Caira and Garrett have been huge in my life. They’re both growing up and maturing and changing in unique ways that’s a joy to watch.
And so I both grew and shrunk in 2017. While I learned a great deal about compassion and abuse and healing, I also got back into running and hiking with a bloody-minded earnestness. Time and again I went out on the trail, set new paces, and knocked kilograms off the scale. Running is such a fantastic activity. There’s no before or later on the track, no bills or worries or sorrows, but only the next breath, the next step.
The funny thing about running is that I didn’t know I could do it. When I jogged every time I went to the gym, I ran-walked-ran in the style of C25K. I never set out to see how far I could go at a stretch at my own pace. And holy fuck, look at me now running five kilometres three times a week!

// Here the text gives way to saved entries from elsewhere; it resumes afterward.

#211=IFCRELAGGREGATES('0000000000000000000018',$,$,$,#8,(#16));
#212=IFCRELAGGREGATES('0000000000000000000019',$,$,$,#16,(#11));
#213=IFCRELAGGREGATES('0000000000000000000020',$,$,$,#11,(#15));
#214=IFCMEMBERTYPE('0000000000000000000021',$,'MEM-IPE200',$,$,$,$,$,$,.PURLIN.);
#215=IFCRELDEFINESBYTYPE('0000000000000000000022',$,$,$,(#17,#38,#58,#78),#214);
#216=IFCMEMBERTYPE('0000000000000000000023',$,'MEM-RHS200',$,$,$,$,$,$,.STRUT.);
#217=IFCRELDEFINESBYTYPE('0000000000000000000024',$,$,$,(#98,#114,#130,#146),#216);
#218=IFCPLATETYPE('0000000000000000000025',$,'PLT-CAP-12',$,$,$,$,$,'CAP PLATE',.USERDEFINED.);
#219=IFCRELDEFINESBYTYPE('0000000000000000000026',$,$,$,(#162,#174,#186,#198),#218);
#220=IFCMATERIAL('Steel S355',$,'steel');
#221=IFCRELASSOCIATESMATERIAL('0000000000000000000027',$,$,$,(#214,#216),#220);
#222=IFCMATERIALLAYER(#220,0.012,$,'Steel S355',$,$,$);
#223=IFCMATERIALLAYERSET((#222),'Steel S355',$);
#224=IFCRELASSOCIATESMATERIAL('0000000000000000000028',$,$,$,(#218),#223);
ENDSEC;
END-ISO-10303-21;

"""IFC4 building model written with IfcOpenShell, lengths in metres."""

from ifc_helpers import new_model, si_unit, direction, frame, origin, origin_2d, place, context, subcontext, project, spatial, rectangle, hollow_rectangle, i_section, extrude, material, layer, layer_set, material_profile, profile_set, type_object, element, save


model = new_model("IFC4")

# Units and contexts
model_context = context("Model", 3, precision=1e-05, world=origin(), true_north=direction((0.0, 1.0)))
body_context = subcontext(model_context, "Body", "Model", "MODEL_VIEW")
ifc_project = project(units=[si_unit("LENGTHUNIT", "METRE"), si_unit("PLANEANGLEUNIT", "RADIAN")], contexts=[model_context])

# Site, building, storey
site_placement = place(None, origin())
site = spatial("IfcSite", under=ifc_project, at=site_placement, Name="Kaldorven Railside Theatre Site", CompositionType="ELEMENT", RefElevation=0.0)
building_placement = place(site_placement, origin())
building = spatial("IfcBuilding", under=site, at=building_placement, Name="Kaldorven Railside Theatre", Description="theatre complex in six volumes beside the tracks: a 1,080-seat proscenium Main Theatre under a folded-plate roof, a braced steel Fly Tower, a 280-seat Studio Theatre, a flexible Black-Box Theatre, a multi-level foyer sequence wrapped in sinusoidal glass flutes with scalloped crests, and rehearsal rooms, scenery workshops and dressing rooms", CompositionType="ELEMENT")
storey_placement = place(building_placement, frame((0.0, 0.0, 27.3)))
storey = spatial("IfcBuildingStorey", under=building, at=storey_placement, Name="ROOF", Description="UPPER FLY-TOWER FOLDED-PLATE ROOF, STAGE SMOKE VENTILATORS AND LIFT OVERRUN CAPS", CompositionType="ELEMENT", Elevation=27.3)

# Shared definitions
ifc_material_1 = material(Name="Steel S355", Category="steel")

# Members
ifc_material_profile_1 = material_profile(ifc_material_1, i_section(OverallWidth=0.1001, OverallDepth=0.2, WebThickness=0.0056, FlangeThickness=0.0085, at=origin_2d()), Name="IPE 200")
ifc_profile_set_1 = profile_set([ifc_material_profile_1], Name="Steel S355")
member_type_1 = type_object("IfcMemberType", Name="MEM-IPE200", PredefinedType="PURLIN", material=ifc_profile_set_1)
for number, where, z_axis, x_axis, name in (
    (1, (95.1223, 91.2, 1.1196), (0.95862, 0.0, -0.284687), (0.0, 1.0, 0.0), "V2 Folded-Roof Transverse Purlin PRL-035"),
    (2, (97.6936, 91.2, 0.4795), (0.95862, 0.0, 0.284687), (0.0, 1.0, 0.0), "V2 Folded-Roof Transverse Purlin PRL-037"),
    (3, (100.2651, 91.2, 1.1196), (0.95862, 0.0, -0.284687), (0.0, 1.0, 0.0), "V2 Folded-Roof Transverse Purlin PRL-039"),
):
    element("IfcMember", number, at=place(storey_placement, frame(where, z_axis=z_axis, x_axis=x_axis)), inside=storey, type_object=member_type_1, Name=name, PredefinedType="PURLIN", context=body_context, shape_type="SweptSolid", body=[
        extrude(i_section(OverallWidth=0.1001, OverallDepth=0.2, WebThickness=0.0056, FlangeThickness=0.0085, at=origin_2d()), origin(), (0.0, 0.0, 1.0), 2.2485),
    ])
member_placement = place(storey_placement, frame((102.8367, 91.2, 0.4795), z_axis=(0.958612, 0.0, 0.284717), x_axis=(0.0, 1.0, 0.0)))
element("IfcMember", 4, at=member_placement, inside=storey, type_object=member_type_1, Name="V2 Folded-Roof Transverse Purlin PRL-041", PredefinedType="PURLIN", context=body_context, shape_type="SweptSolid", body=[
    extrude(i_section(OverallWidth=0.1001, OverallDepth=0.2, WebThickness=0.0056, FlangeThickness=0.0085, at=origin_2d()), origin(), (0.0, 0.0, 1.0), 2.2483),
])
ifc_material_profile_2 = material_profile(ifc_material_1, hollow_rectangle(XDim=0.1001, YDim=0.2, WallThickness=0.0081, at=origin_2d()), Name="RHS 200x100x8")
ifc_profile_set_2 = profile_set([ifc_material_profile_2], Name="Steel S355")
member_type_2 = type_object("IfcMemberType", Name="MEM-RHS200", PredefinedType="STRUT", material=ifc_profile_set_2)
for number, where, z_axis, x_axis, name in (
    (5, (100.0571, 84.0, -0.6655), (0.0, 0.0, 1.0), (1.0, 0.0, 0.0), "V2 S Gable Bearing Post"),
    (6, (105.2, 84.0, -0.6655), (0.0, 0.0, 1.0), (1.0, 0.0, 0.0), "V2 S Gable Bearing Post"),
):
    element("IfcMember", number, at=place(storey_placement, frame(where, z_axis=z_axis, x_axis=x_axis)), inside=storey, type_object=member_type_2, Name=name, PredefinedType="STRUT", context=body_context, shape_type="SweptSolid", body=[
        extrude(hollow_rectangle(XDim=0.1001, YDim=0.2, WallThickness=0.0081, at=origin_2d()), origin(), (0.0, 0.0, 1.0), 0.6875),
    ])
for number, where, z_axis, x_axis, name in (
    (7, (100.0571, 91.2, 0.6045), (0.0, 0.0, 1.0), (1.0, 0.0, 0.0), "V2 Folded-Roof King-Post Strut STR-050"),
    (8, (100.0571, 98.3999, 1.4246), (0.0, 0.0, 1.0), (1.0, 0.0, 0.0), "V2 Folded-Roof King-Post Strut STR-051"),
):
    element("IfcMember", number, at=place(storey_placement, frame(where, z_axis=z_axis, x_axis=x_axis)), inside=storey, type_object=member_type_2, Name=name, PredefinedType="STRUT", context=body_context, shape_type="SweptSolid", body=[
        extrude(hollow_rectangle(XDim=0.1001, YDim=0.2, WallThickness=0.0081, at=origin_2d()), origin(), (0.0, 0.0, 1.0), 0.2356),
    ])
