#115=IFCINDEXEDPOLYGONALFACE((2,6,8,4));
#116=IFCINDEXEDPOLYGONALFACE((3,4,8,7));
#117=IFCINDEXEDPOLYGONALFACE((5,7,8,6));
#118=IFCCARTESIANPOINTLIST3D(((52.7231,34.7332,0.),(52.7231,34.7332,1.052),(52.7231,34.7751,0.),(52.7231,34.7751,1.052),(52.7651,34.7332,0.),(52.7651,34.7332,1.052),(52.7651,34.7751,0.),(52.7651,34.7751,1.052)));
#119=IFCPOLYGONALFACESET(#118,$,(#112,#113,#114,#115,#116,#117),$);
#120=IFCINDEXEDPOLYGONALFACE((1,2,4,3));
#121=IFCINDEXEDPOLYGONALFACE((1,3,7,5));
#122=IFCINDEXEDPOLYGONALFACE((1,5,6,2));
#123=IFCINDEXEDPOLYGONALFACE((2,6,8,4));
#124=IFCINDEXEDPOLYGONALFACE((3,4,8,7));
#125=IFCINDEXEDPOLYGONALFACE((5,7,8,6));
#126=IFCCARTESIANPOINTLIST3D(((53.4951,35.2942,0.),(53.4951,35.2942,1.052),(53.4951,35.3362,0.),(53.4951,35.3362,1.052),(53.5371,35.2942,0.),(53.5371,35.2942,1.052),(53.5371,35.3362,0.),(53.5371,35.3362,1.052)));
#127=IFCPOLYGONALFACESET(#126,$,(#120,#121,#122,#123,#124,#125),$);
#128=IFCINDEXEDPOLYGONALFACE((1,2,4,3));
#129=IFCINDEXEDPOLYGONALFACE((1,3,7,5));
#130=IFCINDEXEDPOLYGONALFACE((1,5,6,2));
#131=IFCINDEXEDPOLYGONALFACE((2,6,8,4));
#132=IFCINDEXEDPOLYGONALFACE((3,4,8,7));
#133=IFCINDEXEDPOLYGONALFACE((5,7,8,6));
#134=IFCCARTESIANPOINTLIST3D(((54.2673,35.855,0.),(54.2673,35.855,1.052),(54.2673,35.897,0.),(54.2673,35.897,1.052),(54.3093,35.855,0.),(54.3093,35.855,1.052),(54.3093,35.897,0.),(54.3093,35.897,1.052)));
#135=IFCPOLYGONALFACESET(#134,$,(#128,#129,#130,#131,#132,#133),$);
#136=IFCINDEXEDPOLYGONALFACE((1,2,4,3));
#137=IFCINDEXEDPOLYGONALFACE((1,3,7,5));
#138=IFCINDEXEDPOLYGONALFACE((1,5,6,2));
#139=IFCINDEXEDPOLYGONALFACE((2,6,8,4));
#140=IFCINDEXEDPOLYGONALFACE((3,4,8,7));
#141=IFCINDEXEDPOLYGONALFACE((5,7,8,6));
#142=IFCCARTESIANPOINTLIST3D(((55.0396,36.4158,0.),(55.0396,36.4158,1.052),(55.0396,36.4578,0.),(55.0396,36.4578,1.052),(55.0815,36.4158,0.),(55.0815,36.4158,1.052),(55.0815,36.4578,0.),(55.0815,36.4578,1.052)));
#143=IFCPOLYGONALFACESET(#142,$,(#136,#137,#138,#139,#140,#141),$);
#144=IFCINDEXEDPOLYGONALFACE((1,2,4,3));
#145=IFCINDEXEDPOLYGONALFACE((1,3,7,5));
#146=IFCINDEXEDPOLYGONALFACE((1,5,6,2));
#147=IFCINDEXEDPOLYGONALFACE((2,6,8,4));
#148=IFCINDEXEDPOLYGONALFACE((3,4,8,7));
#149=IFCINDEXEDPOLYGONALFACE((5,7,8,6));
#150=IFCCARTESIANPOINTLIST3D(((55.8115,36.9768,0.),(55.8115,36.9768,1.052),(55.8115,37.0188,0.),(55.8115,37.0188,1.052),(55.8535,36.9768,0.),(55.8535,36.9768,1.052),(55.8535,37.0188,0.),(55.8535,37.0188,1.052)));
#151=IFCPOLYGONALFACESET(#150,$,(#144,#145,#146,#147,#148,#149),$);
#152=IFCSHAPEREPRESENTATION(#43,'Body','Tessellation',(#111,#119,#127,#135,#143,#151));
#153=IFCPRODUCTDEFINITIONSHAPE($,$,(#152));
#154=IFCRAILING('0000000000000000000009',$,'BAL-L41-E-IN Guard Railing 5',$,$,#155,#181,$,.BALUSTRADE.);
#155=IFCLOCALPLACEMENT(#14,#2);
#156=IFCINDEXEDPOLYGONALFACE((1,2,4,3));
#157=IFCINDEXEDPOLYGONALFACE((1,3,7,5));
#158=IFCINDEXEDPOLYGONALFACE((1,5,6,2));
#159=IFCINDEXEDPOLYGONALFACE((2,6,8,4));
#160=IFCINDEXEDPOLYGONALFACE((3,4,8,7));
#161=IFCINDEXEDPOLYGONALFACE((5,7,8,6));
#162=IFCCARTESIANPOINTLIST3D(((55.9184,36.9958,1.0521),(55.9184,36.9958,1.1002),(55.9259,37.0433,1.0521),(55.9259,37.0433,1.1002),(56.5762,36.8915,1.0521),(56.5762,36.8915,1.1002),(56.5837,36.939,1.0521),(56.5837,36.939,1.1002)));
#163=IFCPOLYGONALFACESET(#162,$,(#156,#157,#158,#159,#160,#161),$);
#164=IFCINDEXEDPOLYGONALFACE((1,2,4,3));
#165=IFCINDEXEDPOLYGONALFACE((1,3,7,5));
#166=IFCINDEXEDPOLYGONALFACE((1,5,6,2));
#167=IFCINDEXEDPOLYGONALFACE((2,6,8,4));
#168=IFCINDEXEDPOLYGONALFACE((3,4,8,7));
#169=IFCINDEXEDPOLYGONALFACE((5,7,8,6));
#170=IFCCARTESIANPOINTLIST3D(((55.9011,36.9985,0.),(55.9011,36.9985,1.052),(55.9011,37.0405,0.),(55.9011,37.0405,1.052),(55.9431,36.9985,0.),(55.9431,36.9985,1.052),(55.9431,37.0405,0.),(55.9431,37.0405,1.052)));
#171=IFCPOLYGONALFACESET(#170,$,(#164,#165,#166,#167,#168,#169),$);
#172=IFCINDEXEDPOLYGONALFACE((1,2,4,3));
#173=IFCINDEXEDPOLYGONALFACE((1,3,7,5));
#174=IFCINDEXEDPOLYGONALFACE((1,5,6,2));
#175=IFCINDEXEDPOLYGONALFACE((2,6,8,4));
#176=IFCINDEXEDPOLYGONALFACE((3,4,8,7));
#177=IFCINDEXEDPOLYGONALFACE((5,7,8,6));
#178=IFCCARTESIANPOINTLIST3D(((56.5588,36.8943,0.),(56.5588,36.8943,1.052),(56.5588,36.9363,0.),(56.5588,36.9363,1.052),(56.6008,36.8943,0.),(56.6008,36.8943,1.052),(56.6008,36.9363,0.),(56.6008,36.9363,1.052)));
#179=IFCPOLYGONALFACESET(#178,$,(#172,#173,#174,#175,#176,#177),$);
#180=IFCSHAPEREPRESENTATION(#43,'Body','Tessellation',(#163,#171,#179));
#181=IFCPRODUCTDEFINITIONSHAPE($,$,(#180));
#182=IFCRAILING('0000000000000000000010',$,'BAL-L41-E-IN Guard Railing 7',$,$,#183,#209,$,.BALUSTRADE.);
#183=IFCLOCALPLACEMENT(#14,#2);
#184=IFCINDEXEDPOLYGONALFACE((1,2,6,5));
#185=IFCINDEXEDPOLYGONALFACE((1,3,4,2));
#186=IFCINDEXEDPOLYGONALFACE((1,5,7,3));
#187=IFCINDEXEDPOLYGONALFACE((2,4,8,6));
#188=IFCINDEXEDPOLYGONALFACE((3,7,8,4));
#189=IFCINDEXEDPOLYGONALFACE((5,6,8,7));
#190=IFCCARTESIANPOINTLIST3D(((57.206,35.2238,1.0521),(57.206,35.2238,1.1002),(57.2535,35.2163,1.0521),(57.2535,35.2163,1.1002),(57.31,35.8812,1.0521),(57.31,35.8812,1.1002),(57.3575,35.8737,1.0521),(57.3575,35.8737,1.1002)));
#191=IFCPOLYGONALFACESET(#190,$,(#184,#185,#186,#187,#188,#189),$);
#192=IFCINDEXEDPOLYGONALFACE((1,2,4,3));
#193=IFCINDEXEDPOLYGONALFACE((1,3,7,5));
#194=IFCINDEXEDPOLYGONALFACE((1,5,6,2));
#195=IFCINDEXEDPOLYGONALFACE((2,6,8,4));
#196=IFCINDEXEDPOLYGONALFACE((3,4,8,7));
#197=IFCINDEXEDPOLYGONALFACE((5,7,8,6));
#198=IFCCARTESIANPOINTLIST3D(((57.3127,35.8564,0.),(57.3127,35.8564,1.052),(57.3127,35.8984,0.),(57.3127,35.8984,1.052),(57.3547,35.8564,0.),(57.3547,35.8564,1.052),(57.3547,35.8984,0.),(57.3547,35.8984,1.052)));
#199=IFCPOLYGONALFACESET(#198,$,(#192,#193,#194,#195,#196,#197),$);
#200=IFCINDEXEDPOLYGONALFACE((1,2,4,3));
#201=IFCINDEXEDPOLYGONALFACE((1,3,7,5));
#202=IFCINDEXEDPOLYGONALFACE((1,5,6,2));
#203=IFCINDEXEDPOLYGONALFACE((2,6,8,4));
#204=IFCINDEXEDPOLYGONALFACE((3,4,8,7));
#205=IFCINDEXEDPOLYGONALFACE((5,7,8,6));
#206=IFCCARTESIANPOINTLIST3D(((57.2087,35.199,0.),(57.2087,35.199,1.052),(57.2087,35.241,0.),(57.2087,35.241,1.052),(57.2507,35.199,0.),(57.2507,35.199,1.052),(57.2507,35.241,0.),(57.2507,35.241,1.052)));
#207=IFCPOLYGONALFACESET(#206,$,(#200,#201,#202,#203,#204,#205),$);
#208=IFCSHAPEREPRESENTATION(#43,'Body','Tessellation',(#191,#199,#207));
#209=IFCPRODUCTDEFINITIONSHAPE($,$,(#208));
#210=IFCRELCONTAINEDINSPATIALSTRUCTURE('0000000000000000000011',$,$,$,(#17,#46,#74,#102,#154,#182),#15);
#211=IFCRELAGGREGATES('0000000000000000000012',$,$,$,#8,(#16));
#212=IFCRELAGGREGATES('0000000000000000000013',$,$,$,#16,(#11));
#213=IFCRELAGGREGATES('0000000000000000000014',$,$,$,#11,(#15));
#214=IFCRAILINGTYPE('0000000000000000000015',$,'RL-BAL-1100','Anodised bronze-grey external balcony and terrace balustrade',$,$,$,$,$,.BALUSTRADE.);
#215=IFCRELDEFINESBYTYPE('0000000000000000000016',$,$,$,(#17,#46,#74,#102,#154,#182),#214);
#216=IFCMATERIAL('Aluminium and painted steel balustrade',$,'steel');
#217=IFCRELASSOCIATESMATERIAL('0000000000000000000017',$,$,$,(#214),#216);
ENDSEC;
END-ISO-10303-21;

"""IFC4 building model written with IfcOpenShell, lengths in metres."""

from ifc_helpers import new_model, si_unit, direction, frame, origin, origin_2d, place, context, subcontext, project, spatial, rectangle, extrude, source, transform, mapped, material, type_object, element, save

More man than man. I ran my first friendly-competitive 5k on Saturday. While I finished near the bottom of the pack, fuck the details because I finished. I crossed that line, which I could never have done a year ago.
My next big milestone will be the 10k Rock and Road in Kinvara in March. I can’t wait!
With running, hiking. In the week before Christmas I hiked the Western Way in Connemara between Maam Cross and Oughterard. With sights such as the Maam Valley and Hill of Doon, the Way is a gorgeous, unique way to experience the windswept and bleak Connemara countryside. My next trips (I hope) will be to Ballyvaughan to hike the Burren Way, or to Letterfrack for a weekend at Connemara National Park.
So that’s me. Tired and sad and wiser and satisfied to know I’ve grown.